Proposed Bill Could Shut Down Cheap E-Bike Imports

Have you ever wondered how all those “cheap e-bikes” got imported into the U.S.? Last year we asked Ed Benjamin, founder and president of the Light Electric Vehicle Association (LEVA). Benjamin told us that they were getting into the country as de minimis shipments.
To explain, U.S. international trade import laws allow so-called non-market economies, such as China, to ship goods for import valued under $800 to come into this country free of duties, taxes or fees. Import value translates to FOB value, not wholesale or retail, but the value of the goods. So, a “cheap” e-bike with an import value of $800 or less is shipped directly to a consumer in this country from a company or brand in China, or to a closer-to-market Canadian or Mexican warehouse, that in turn ships directly to U.S. consumers. 

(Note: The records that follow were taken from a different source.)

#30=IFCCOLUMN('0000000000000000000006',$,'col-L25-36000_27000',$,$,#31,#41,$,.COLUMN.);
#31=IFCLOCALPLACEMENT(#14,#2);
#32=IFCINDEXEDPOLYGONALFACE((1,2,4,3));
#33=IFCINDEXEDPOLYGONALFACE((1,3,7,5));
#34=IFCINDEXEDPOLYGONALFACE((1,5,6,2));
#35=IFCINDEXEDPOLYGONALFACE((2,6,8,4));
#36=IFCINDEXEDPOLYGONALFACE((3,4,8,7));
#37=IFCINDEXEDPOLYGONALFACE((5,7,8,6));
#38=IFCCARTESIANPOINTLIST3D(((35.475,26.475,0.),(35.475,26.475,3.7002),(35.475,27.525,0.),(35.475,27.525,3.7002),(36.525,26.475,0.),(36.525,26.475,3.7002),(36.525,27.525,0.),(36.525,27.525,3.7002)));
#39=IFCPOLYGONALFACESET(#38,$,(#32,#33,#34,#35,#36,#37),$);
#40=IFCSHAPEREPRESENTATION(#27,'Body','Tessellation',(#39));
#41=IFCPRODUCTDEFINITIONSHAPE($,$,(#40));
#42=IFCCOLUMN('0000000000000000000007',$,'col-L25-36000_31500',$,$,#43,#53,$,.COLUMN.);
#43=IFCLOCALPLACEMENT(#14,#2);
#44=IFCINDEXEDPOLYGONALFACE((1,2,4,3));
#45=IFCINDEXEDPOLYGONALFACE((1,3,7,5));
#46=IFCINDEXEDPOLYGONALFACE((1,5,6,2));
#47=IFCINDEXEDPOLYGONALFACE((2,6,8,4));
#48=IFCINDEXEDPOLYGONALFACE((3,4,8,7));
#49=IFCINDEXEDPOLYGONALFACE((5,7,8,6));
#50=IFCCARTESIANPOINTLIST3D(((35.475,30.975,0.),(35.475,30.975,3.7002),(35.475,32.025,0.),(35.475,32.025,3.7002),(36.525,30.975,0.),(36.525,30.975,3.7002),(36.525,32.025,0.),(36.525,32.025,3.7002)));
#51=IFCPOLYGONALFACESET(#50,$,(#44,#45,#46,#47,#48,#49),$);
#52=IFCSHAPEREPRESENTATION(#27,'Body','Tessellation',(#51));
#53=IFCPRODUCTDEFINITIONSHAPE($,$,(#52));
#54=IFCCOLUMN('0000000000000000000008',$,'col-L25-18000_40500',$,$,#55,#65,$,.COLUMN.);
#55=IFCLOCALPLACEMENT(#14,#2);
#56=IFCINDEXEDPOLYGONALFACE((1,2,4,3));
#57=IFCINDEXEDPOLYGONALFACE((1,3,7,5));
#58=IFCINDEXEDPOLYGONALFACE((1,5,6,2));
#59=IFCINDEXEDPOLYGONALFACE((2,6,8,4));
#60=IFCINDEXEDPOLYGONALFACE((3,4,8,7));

How many? Based on Benjamin’s estimates for 2021, HPS is projecting the preliminary total number of e-bikes imported into the U.S. was approximately 780,000 to 800,000, with 260,000 to 270,000, (or about 1/3) imported as de minimis shipments directly to American consumers. This estimate will be refined over the next month.
Cheap e-bikes with an FOB value of $800 or less also include approximately 260,000 to 270,000 cheap lithium-Ion (L-I) batteries, because the most expensive component on any e-bike is battery, costing more than the electric hub or mid-drive motor. This large quantity of low-cost batteries enhances the probability of a catastrophic battery failure, resulting in a fire.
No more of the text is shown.